Rethinking How We Can Evaluate AI Models

Today I ran a simple test to see whether OpenAI's Whisper could handle McDonald's drive-thru orders. Recorded three audio files: clear speech, fast speech, casual conversation → ran them through the model, checked the WER.

The first result came back with average WER = 8%. Decent for a base/small model, so not bad!

But I was just curious where it was making errors, so I broke it down by condition:

Condition	WER
Clear speech (each word pronounced clearly)	0%
Fast speech (a little fast with fillers)	20%
Casual conversation (how we usually talk, very less fillers)	5%

One test case was quietly destroying the aggregate. And it happened to be the most important one: fast speech. That’s how people actually talk in real life.. In this case, they are not dictating their order clearly the way a model expects.
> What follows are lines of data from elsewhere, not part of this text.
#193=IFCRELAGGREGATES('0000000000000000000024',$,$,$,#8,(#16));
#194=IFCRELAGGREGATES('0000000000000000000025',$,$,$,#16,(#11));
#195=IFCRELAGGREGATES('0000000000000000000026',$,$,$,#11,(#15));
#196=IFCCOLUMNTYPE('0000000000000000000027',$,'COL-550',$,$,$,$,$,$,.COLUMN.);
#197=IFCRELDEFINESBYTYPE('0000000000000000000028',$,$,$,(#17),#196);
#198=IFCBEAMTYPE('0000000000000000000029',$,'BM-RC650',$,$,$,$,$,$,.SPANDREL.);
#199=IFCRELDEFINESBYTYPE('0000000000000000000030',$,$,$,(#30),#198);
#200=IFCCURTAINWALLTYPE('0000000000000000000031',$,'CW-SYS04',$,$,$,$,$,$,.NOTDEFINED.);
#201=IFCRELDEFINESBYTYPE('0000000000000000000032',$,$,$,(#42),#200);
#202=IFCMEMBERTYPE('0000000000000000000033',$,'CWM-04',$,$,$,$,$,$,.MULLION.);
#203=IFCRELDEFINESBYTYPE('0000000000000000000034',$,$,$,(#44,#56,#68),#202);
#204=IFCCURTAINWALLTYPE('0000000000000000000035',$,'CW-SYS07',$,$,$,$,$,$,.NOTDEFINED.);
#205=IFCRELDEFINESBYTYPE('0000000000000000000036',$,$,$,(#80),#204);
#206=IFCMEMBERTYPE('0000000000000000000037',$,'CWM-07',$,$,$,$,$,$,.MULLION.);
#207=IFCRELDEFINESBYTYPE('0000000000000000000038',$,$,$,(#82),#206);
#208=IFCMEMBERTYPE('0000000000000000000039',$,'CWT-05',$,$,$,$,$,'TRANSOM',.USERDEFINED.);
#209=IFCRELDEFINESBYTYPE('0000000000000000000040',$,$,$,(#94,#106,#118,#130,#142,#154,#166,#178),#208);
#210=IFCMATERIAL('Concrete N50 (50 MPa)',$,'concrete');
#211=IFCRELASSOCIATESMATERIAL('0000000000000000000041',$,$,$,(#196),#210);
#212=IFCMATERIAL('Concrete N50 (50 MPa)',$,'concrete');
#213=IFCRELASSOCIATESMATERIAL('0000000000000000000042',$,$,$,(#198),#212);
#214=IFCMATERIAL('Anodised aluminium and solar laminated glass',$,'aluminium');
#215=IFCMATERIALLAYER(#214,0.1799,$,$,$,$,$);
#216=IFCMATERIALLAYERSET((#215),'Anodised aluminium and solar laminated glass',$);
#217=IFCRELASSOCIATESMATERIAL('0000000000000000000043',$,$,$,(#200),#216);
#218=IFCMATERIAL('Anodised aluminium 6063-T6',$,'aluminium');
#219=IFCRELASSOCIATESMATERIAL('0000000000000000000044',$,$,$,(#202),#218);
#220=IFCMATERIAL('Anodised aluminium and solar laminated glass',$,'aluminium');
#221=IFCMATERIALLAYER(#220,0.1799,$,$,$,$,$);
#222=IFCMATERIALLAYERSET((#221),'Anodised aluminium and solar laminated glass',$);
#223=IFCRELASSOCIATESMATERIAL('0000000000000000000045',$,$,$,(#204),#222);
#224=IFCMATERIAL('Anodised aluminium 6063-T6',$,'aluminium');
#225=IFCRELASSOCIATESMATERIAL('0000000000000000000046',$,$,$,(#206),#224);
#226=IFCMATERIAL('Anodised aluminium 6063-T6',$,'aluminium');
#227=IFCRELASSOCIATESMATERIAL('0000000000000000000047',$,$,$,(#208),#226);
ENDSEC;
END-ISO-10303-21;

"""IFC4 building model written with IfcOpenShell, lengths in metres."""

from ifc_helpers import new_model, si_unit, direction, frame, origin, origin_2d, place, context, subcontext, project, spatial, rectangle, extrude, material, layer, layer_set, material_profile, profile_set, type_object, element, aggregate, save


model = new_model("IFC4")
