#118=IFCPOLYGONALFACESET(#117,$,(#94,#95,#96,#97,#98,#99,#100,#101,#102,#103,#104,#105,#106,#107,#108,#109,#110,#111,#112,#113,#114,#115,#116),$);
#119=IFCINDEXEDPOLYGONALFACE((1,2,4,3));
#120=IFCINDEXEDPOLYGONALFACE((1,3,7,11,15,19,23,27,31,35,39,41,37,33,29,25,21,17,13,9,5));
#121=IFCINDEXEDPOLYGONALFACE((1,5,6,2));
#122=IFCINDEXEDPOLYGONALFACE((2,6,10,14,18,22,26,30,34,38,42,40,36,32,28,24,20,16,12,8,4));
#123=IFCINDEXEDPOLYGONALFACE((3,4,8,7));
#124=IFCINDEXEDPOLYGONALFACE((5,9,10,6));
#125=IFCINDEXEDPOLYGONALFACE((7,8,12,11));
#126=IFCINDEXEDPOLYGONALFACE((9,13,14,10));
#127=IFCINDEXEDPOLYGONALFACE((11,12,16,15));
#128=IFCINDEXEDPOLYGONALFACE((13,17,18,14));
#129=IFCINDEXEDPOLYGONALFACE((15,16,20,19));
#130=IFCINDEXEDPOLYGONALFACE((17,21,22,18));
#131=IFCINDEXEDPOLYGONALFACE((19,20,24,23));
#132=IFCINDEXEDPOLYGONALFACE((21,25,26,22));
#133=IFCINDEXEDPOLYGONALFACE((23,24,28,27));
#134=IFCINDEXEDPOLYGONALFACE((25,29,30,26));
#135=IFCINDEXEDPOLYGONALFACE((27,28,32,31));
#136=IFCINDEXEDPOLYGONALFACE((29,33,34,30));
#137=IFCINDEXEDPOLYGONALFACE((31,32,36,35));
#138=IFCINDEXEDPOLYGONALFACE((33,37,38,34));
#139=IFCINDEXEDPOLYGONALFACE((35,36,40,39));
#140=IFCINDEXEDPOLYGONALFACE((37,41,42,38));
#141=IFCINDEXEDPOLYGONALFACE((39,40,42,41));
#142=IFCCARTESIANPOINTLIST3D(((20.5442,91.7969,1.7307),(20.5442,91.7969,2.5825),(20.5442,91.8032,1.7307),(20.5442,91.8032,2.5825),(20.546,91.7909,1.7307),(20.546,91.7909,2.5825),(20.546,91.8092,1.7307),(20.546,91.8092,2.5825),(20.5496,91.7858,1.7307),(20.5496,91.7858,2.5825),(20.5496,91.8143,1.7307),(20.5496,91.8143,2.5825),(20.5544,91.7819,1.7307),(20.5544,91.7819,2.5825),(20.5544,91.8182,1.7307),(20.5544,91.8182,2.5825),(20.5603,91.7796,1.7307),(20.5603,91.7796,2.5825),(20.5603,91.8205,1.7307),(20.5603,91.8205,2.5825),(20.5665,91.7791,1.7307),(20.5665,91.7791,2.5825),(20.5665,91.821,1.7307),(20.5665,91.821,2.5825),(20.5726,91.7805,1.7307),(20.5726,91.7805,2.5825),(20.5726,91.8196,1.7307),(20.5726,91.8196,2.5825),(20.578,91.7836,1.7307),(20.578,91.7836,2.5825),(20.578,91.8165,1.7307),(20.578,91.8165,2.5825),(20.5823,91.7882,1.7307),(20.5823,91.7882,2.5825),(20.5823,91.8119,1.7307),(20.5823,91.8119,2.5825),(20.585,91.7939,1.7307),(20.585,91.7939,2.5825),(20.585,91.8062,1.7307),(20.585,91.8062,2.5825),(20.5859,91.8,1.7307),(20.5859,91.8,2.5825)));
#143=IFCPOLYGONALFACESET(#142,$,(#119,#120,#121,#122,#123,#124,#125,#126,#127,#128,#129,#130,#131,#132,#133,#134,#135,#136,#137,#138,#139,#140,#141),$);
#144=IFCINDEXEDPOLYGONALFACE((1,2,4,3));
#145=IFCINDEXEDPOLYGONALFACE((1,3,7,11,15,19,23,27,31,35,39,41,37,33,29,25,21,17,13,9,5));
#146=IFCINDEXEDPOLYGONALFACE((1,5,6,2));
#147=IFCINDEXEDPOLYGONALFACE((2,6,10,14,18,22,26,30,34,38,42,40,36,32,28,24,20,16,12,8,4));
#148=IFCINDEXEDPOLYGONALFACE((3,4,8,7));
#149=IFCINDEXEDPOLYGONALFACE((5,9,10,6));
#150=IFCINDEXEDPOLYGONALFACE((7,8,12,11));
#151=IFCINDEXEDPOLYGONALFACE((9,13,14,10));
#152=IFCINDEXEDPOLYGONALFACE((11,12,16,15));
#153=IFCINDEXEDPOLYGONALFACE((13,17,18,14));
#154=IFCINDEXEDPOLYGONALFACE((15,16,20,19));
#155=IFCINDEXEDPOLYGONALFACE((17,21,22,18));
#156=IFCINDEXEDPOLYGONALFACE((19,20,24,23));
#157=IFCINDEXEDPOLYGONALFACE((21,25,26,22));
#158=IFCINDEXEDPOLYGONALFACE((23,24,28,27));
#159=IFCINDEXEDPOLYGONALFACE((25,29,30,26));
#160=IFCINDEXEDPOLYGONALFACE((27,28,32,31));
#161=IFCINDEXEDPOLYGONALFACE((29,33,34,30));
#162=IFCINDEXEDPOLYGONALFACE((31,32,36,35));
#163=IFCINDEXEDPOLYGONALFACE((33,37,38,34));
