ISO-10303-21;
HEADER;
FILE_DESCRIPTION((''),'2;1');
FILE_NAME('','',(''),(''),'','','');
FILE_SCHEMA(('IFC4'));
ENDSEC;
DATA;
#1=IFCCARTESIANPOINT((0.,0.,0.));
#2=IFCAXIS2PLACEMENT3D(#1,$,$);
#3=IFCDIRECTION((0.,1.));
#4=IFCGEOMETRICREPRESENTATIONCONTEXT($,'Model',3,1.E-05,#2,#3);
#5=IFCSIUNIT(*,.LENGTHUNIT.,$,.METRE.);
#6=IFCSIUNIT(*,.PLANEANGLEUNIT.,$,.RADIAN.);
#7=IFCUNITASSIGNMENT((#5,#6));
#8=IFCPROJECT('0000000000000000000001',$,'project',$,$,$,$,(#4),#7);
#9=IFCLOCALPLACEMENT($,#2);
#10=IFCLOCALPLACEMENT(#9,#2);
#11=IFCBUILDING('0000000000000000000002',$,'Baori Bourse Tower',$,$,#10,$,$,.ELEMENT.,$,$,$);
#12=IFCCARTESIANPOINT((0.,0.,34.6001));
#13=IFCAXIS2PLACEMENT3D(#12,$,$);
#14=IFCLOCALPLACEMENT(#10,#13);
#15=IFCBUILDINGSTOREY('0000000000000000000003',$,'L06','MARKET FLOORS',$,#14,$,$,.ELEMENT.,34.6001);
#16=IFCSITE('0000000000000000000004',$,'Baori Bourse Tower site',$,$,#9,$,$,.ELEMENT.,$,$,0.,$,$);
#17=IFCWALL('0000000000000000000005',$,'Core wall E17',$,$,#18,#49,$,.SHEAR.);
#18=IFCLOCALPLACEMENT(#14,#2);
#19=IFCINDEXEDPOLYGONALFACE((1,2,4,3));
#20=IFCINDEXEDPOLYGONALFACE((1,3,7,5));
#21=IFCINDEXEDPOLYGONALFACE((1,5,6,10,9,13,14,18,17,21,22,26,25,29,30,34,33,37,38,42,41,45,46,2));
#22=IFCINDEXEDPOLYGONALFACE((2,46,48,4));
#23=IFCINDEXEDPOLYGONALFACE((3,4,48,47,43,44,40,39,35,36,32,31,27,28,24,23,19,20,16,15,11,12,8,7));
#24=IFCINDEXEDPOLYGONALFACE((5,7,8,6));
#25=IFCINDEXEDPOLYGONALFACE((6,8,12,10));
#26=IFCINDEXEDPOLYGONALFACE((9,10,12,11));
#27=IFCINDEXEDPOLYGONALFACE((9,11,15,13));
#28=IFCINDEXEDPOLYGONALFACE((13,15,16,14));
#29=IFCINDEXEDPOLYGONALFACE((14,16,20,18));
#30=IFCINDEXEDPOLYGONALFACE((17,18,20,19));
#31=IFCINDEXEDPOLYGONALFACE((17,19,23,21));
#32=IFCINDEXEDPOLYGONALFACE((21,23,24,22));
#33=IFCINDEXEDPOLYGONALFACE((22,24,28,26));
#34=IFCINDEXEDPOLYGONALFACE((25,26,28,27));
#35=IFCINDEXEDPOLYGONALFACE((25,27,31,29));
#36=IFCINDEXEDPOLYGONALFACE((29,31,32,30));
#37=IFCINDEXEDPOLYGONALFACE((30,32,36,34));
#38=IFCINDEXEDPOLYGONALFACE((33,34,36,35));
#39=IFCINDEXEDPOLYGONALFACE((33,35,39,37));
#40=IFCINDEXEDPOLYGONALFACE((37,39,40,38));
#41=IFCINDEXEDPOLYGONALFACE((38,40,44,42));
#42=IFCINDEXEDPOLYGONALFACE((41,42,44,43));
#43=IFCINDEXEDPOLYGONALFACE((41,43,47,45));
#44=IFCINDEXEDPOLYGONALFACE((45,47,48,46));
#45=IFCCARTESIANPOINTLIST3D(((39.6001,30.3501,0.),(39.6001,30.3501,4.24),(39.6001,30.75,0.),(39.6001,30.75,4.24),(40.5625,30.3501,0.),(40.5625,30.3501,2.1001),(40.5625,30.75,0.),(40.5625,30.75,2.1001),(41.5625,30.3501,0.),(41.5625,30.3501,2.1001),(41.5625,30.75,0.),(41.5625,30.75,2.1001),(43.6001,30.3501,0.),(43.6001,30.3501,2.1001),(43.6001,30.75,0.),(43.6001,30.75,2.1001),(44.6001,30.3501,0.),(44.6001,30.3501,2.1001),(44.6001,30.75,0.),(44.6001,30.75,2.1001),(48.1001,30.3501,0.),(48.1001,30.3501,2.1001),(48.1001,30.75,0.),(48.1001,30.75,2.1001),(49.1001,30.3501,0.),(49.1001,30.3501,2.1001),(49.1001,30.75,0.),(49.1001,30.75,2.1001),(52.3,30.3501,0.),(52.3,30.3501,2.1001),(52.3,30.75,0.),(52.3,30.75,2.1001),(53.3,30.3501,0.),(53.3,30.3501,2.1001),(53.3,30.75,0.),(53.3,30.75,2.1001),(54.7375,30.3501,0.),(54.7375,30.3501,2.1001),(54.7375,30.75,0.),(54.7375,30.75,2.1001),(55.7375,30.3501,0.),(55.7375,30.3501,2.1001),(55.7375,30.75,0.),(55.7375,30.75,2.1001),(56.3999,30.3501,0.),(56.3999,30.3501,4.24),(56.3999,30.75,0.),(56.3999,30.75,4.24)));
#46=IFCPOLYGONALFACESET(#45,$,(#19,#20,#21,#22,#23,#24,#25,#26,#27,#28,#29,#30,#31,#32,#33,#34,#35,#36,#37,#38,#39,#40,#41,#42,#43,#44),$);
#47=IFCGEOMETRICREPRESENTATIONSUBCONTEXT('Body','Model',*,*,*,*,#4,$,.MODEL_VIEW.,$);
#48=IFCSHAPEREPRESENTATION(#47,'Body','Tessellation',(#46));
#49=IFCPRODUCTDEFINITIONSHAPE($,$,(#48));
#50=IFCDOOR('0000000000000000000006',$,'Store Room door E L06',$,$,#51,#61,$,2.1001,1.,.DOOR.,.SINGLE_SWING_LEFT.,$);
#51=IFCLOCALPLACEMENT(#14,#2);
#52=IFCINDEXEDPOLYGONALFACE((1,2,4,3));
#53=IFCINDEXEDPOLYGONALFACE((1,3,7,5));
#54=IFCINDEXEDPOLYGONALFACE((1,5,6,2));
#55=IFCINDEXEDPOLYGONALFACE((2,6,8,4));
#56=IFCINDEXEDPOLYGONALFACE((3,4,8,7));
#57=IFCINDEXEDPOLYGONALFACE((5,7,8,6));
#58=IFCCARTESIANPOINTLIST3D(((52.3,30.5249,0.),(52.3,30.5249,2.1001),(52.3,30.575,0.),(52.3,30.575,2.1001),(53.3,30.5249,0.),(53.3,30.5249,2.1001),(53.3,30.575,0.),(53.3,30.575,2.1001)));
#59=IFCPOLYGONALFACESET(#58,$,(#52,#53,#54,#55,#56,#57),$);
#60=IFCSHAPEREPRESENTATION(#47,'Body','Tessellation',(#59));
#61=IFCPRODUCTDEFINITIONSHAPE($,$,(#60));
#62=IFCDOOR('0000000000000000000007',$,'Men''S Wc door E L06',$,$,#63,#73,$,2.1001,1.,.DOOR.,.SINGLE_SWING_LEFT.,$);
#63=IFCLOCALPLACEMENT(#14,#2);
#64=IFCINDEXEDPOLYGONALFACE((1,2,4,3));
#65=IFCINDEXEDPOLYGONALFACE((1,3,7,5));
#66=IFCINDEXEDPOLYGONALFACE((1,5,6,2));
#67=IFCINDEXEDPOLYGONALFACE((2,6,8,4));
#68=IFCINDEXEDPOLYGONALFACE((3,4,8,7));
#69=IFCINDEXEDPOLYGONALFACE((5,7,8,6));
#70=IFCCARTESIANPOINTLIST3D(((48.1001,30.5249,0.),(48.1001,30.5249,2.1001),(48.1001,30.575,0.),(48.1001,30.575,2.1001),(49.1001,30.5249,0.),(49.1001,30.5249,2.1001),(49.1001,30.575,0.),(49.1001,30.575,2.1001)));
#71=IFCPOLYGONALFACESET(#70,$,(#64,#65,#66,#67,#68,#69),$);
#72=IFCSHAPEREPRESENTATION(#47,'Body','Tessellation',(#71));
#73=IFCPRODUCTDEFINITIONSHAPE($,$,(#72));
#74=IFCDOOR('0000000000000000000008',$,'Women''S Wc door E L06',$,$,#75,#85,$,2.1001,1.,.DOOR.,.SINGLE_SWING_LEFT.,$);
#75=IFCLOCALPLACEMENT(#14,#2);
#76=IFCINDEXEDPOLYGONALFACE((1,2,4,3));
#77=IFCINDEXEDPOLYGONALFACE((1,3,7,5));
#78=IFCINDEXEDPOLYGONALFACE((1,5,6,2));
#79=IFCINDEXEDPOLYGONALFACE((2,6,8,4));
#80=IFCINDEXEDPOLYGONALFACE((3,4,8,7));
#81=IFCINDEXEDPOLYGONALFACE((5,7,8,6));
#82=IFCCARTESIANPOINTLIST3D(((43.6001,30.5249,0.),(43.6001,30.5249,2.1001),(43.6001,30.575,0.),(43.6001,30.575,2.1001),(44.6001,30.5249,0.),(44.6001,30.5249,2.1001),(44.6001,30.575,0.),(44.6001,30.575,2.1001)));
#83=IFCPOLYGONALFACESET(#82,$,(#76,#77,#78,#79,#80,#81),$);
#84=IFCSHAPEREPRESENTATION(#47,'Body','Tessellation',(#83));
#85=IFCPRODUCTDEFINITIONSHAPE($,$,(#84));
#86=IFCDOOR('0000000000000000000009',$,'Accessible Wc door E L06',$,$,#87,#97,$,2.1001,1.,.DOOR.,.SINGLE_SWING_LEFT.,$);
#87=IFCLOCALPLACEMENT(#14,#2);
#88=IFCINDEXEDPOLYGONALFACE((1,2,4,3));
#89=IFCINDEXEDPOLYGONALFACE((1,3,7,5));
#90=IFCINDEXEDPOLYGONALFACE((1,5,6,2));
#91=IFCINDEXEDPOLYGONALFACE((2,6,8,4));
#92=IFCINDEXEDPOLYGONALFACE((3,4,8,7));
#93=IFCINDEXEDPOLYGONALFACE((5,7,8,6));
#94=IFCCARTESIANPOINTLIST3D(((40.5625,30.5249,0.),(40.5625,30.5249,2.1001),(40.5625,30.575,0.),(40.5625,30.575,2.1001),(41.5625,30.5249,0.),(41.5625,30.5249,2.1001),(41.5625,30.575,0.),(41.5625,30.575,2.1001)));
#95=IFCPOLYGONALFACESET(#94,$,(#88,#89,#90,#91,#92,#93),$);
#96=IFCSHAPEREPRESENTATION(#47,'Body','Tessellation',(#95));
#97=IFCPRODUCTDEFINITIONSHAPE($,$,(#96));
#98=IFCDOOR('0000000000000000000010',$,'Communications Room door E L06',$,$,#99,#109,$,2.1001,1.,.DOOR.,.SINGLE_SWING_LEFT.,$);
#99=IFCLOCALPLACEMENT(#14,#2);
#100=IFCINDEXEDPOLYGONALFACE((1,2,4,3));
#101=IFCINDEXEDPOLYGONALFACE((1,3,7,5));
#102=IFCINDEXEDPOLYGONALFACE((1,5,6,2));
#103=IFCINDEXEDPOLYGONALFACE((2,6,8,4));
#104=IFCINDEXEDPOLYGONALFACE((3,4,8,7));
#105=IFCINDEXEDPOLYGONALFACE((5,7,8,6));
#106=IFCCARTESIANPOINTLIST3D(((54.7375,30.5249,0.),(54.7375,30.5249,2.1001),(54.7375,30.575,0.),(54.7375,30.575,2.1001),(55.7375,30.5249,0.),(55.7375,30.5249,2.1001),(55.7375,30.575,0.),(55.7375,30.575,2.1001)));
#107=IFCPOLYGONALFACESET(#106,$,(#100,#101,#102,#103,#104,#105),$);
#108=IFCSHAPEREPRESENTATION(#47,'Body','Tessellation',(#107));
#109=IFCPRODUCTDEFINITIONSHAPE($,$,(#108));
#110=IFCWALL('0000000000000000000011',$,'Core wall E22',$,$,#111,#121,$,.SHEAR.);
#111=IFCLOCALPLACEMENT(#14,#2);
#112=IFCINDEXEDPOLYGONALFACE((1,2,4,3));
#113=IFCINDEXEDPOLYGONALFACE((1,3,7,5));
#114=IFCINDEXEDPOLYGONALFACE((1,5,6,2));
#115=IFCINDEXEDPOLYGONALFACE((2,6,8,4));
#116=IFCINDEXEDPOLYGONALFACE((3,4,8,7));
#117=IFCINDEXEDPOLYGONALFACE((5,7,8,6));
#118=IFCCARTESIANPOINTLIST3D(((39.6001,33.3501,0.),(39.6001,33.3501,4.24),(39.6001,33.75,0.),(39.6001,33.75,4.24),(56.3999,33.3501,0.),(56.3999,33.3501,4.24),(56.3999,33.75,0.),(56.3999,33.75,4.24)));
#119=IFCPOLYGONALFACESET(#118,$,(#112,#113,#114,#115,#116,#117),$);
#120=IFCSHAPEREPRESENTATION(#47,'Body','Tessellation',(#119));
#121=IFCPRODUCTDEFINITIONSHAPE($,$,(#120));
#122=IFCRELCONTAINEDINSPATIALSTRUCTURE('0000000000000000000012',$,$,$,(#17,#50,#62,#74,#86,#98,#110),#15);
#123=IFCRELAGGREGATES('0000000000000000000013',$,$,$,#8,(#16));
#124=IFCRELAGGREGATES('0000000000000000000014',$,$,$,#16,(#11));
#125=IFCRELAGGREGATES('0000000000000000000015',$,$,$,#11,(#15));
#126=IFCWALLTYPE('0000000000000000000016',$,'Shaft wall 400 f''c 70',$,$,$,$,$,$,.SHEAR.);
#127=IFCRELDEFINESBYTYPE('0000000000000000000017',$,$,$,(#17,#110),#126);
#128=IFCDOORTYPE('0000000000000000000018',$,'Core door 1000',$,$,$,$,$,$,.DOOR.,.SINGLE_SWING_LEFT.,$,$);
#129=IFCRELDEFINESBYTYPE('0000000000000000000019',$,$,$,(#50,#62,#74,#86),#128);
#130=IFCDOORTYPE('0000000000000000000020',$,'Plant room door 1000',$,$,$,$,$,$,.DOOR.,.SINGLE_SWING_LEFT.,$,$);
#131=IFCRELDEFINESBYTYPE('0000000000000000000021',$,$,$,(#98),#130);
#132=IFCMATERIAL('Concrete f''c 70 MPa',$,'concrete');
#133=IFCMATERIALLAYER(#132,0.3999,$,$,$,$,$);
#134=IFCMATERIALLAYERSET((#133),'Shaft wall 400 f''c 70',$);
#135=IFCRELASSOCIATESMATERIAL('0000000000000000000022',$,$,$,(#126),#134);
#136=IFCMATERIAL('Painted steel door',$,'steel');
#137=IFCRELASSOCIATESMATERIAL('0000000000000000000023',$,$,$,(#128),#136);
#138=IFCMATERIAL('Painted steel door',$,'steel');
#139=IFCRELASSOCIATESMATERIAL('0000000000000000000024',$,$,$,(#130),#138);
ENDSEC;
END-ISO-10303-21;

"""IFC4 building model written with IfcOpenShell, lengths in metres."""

from ifc_helpers import new_model, si_unit, direction, frame, frame_2d, origin, place, context, subcontext, project, spatial, rectangle, extrude, material, layer, layer_set, type_object, element, fill, save


model = new_model("IFC4")

# Units and contexts
model_context = context("Model", 3, precision=1e-05, world=origin(), true_north=direction((0.0, 1.0)))
body_context = subcontext(model_context, "Body", "Model", "MODEL_VIEW")
ifc_project = project(units=[si_unit("LENGTHUNIT", "METRE"), si_unit("PLANEANGLEUNIT", "RADIAN")], contexts=[model_context])

# Site, building, storey
site_placement = place(None, origin())
site = spatial("IfcSite", under=ifc_project, at=site_placement, Name="Baori Bourse Tower site", CompositionType="ELEMENT", RefElevation=0.0)
building_placement = place(site_placement, origin())
building = spatial("IfcBuilding", under=site, at=building_placement, Name="Baori Bourse Tower", CompositionType="ELEMENT")
storey_placement = place(building_placement, frame((0.0, 0.0, 34.6001)))
storey = spatial("IfcBuildingStorey", under=building, at=storey_placement, Name="L06", Description="MARKET FLOORS", CompositionType="ELEMENT", Elevation=34.6001)

# Wall, openings, doors
ifc_material_1 = material(Name="Concrete f'c 70 MPa", Category="concrete")
ifc_layer_1 = layer(ifc_material_1, 0.3999)
ifc_layer_set_1 = layer_set([ifc_layer_1], Name="Shaft wall 400 f'c 70")
wall_type_1 = type_object("IfcWallType", Name="Shaft wall 400 f'c 70", PredefinedType="SHEAR", material=ifc_layer_set_1)
wall_1_placement = place(storey_placement, frame((39.6001, 30.55, 0.0), z_axis=(0.0, 0.0, 1.0), x_axis=(1.0, 0.0, 0.0)))
wall_1 = element("IfcWall", 1, at=wall_1_placement, inside=storey, type_object=wall_type_1, Name="Core wall E17", PredefinedType="SHEAR", context=body_context, shape_type="SweptSolid", body=[
    extrude(rectangle(XDim=16.7998, YDim=0.3999, at=frame_2d((8.3999, 0.0))), origin(), (0.0, 0.0, 1.0), 4.24),
])
opening_1_placement = place(wall_1_placement, frame((15.1375, 0.0, 0.0)))
opening_1 = element("IfcOpeningElement", 2, at=opening_1_placement, cuts=wall_1, PredefinedType="OPENING", context=body_context, shape_type="SweptSolid", body=[
    extrude(rectangle(XDim=1.0, YDim=2.1001, at=frame_2d((0.5, 1.05))), frame((0.0, 0.21, 0.0), z_axis=(0.0, -1.0, 0.0), x_axis=(1.0, 0.0, 0.0)), (0.0, 0.0, 1.0), 0.4199),
])
opening_2_placement = place(wall_1_placement, frame((12.7, 0.0, 0.0)))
"McFlurry" was being transcribed as "neck laddie." "Coke" became "cook." These weren't small errors.

What did I do next?

I tried to fix it with a fuzzy matching post-processor that would auto-correct words close to menu items. The result: 8% → 8%. There was zero improvement because when the transcription is "neck laddie," no similarity can make it "McFlurry."
So I used claude to understand more options and came across- intent classifier. Instead of matching characters, it takes the raw transcription and asks: given this, what menu item was most likely ordered? Using embeddings, it could map "neck laddie" → "McFlurry" because it's reasoning about intent, not similarity.

But here's the thing: WER was still high. Because WER only measures whether the transcribed words match the original words. The intent was right but the words were still wrong. And the metric had no way of knowing the difference.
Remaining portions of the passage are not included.